Transforming growth factor-beta-mediated chondrogenesis of human mesenchymal progenitor cells involves N-cadherin and mitogen-activated protein kinase and Wnt signaling cross-talk

Authors:
Tuli R, Tuli S, Nandi S, Huang X, Manner PA, Hozack WJ, Danielson KG, Hall DJ and Tuan RS
In:
J Biol Chem (2003) 278(42): 41227-41236
Experiment
The multilineage differentiation potential of adult tissue-derived mesenchymal stem cells (MSC), such as those from bone marrow and trabecular bones, makes them a useful model to investigate mechanisms regulating tissue development and regeneration, such as cartilage. The authors examined the mechanisms of transforming growth factor-beta (TGF-beta)-mediated MSC chondrogenesis, specifically the involvement of MAP kinase and Wnt signalling cascades. Therefore MSC were nucleofected with different expression plasmids encoding: a fragment of the aggrecan promoter, TCF (T-cell factor) binding site, a fragment of human collagen type II a1 procollagen. The results demonstrate the involvement of p38, ERK-1 and JNK MAP kinase cascade in the positive regulation of mesenchymal chondrogenesis induced by TGF-beta1. In addition, the authors demonstrate the functional role of TGF-beta1-stimulated N-cadherin expression in the chondrogenic differentiation of MSC.
Abstract
The multilineage differentiation potential of adult tissue-derived mesenchymal progenitor cells (MPCs), such as those from bone marrow and trabecular bone, makes them a useful model to investigate mechanisms regulating tissue development and regeneration, such as cartilage. Treatment with transforming growth factor-beta (TGF-beta) superfamily members is a key requirement for the in vitro chondrogenic differentiation of MPCs. Intracellular signaling cascades, particularly those involving the mitogen-activated protein (MAP) kinases, p38, ERK-1, and JNK, have been shown to be activated by TGF-betas in promoting cartilage-specific gene expression. MPC chondrogenesis in vitro also requires high cell seeding density, reminiscent of the cellular condensation requirements for embryonic mesenchymal chondrogenesis, suggesting common chondro-regulatory mechanisms.
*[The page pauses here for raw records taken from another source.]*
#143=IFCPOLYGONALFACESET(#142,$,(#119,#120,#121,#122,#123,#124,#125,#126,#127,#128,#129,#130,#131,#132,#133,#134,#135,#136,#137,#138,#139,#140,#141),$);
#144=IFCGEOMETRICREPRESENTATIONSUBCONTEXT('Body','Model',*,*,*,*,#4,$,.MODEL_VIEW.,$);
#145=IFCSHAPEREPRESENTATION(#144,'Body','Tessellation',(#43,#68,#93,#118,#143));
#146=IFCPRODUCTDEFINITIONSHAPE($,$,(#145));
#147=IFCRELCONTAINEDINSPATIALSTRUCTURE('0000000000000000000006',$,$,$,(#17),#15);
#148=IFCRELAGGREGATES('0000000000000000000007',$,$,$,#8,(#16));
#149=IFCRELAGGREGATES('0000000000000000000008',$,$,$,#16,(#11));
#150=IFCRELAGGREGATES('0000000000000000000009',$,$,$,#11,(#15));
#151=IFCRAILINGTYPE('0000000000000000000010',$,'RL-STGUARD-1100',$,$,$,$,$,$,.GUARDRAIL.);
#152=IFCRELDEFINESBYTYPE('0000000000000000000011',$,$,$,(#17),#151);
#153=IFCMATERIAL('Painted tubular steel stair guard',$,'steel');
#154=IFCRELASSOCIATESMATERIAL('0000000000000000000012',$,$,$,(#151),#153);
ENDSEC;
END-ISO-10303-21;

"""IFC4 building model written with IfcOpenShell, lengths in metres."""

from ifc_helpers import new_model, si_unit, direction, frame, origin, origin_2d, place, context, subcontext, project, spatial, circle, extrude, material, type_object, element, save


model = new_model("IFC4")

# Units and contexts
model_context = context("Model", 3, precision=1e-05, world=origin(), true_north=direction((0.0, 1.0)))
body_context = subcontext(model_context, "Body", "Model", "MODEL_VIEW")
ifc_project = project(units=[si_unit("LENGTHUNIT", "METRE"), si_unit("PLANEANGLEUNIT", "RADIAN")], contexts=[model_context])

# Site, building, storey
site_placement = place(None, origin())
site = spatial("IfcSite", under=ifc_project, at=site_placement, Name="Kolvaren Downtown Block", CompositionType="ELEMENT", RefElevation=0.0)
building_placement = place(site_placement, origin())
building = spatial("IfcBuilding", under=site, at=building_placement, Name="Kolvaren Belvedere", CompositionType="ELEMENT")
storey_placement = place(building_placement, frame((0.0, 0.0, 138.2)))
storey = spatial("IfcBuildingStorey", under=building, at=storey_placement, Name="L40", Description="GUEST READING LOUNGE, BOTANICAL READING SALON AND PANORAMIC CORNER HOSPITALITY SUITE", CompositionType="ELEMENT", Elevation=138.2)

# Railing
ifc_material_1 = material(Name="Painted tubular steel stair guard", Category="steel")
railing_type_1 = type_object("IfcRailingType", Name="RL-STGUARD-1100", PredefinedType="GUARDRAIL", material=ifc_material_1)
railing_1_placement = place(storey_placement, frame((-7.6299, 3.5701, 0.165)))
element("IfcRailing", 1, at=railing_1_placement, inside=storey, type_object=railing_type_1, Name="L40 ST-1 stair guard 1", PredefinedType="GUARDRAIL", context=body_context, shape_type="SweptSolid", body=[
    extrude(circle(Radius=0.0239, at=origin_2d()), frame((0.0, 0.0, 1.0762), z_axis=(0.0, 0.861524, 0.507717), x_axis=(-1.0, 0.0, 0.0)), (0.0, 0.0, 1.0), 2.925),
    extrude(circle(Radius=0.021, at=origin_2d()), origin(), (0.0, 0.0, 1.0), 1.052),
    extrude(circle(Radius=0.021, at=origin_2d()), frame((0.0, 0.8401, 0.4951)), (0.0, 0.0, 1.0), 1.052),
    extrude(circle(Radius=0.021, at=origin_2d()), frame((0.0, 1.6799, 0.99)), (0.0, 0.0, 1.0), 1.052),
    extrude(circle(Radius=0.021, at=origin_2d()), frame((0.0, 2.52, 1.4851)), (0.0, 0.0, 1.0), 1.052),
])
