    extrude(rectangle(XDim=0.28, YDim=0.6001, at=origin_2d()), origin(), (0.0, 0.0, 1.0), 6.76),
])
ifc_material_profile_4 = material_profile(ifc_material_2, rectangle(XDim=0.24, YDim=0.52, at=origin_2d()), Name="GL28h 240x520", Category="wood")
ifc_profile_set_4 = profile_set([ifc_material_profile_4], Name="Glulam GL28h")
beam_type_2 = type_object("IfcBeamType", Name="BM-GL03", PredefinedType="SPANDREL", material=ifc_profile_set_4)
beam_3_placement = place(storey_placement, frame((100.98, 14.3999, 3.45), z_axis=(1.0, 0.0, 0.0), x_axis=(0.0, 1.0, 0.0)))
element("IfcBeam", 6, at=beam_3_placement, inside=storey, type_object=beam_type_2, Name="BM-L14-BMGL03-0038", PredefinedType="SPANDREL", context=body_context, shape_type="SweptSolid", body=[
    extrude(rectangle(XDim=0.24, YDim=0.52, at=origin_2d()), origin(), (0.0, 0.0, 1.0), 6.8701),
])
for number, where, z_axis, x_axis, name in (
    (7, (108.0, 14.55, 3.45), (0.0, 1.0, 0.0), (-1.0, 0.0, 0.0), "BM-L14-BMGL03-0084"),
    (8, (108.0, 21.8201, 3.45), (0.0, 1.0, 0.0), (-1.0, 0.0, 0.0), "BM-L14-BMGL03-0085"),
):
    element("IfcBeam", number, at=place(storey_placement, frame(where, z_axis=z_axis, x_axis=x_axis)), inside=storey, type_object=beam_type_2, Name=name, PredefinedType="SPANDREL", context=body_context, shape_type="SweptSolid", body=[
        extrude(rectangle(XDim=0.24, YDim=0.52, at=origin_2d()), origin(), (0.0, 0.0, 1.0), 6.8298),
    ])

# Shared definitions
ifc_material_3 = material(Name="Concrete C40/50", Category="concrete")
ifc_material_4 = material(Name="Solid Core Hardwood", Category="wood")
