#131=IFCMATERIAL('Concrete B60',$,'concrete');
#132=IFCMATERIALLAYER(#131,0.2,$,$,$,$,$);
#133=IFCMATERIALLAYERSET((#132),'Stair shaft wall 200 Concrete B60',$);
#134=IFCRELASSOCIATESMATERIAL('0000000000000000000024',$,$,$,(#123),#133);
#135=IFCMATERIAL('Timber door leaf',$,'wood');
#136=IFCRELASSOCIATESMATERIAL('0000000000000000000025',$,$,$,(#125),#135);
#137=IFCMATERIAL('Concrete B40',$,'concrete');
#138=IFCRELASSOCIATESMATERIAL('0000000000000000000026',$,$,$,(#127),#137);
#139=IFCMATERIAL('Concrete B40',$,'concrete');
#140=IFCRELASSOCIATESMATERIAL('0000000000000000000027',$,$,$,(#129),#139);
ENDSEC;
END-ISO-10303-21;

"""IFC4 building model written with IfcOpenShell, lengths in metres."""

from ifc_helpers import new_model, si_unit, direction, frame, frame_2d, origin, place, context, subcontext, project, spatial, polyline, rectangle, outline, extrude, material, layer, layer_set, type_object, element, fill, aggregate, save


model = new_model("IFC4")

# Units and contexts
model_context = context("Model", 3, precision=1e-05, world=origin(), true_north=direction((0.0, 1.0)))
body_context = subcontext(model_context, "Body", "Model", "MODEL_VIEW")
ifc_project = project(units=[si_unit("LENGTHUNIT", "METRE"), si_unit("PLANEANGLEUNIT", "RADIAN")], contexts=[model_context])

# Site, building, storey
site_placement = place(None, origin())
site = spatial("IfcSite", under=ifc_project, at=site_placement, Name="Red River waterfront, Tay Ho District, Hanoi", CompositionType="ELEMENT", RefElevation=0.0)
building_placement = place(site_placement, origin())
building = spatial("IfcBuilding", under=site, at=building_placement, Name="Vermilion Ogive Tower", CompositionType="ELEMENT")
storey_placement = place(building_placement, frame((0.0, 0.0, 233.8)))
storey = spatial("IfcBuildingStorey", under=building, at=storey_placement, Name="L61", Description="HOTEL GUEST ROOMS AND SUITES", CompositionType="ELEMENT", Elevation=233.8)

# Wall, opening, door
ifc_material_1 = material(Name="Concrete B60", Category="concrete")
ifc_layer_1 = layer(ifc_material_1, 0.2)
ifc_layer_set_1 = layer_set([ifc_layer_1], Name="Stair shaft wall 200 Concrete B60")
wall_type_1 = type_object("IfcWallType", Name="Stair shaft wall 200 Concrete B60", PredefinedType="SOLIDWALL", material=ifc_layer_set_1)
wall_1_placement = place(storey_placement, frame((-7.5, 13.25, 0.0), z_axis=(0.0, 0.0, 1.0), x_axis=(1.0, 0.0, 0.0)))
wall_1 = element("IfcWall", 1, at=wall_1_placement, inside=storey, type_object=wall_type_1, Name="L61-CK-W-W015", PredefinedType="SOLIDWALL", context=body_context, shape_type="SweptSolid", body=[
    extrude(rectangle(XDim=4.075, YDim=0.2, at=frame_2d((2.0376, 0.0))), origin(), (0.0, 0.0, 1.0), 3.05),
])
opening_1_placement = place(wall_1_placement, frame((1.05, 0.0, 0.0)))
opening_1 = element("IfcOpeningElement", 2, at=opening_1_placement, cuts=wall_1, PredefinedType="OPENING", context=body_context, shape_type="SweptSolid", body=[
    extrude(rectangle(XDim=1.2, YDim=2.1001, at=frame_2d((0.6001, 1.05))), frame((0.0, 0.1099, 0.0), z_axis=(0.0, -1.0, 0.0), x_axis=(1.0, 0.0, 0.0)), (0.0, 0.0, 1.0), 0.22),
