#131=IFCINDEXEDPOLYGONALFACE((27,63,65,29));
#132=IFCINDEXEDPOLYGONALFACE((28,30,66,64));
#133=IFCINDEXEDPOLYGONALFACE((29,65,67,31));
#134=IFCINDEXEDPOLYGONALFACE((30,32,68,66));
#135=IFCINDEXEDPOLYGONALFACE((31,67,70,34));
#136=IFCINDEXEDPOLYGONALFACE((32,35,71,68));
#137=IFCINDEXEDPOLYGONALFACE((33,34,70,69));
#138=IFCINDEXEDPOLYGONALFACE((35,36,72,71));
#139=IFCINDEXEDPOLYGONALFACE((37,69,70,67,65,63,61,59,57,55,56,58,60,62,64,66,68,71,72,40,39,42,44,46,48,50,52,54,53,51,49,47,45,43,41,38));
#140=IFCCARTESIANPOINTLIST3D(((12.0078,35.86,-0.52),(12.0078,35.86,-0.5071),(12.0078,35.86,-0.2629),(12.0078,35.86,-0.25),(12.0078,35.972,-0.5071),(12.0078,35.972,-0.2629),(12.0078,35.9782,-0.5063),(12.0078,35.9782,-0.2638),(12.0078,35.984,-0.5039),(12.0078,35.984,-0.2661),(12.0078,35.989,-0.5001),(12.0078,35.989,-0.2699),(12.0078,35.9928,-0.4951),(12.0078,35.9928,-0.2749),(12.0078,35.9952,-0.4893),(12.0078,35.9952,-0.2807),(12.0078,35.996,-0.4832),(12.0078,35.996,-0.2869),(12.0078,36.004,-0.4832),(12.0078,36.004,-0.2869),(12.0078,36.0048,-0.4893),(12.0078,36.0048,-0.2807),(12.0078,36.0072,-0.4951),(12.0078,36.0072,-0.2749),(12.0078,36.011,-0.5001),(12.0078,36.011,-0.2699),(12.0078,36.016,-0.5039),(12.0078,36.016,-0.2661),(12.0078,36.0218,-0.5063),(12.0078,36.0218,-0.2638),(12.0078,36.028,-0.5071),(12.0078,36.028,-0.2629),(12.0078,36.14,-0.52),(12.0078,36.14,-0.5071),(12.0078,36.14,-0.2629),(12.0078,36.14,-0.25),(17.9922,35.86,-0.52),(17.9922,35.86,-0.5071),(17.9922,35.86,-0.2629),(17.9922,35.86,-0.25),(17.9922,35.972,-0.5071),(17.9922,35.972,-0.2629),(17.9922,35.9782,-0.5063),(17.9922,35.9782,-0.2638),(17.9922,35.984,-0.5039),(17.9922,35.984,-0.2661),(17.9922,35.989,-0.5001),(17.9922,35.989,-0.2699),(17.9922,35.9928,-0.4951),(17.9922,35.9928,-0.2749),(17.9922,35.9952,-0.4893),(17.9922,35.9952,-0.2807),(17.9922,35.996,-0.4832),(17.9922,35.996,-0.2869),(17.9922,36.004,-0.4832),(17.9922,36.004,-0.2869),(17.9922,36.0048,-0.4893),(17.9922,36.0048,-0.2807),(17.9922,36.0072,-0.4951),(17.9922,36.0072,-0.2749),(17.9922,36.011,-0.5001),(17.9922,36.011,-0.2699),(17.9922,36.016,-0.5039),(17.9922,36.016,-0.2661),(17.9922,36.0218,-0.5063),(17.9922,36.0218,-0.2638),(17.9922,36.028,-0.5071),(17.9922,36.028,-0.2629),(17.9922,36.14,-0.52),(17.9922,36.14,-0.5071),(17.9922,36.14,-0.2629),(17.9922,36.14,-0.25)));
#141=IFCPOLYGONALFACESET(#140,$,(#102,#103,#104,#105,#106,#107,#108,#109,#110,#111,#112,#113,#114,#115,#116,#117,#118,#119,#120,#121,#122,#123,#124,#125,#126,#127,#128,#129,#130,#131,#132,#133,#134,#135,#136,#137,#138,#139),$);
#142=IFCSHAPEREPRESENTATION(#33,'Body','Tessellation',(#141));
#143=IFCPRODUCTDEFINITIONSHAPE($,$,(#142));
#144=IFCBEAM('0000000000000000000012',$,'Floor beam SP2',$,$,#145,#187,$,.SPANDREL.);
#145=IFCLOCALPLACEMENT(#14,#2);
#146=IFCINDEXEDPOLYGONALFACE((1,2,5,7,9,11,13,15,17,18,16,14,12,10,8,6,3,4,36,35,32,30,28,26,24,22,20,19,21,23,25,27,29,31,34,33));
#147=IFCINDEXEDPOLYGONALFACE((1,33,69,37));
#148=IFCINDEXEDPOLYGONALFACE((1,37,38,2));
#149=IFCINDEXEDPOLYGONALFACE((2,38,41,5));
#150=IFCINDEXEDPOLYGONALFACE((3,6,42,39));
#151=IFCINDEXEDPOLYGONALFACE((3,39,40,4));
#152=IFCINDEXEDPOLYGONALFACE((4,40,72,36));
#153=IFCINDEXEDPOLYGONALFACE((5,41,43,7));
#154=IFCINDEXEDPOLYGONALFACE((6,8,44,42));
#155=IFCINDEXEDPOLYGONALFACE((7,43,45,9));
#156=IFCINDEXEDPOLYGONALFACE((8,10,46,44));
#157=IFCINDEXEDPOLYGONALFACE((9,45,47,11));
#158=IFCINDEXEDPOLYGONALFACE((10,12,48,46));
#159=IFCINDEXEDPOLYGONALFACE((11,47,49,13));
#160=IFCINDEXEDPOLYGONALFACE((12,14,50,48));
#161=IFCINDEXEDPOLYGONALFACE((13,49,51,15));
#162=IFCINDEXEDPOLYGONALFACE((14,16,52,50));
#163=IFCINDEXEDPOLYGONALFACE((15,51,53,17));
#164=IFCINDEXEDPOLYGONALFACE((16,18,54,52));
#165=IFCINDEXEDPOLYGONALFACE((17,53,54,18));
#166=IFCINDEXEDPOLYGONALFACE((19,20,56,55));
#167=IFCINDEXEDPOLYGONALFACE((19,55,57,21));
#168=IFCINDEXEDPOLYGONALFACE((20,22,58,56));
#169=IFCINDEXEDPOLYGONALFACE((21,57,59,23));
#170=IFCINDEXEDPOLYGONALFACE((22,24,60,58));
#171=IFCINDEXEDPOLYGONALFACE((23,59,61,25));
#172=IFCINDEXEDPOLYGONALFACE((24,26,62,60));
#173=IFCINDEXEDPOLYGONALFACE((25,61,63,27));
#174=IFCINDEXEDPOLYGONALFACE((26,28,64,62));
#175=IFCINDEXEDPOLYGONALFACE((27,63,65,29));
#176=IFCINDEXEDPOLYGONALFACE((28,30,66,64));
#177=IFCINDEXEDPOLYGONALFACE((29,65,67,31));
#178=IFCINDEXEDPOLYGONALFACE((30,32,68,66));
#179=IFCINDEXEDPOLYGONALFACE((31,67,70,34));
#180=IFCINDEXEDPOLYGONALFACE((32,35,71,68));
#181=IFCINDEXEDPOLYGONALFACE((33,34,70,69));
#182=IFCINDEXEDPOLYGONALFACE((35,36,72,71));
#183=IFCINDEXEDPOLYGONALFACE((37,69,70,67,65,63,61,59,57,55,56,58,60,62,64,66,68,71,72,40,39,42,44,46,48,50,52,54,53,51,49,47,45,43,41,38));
Prompted by recent findings of the crucial role of the cell adhesion protein, N-cadherin, and Wnt signaling in condensation and chondrogenesis, we have examined here their involvement, as well as MAP kinase signaling, in TGF-beta1-induced chondrogenesis of trabecular bone-derived MPCs. Our results showed that TGF-beta1 treatment initiates and maintains chondrogenesis of MPCs through the differential chondro-stimulatory activities of p38, ERK-1, and to a lesser extent, JNK. This regulation of MPC chondrogenic differentiation by the MAP kinases involves the modulation of N-cadherin expression levels, thereby likely controlling condensation-like cell-cell interaction and progression to chondrogenic differentiation, by the sequential up-regulation and progressive down-regulation of N-cadherin. TGF-beta1-mediated MAP kinase activation also controls WNT-7A gene expression and Wnt-mediated signaling through the intracellular beta-catenin-TCF pathway, which likely regulates N-cadherin expression and subsequent N-cadherin-mediated cell-adhesion complexes during the early steps of MPC chondrogenesis.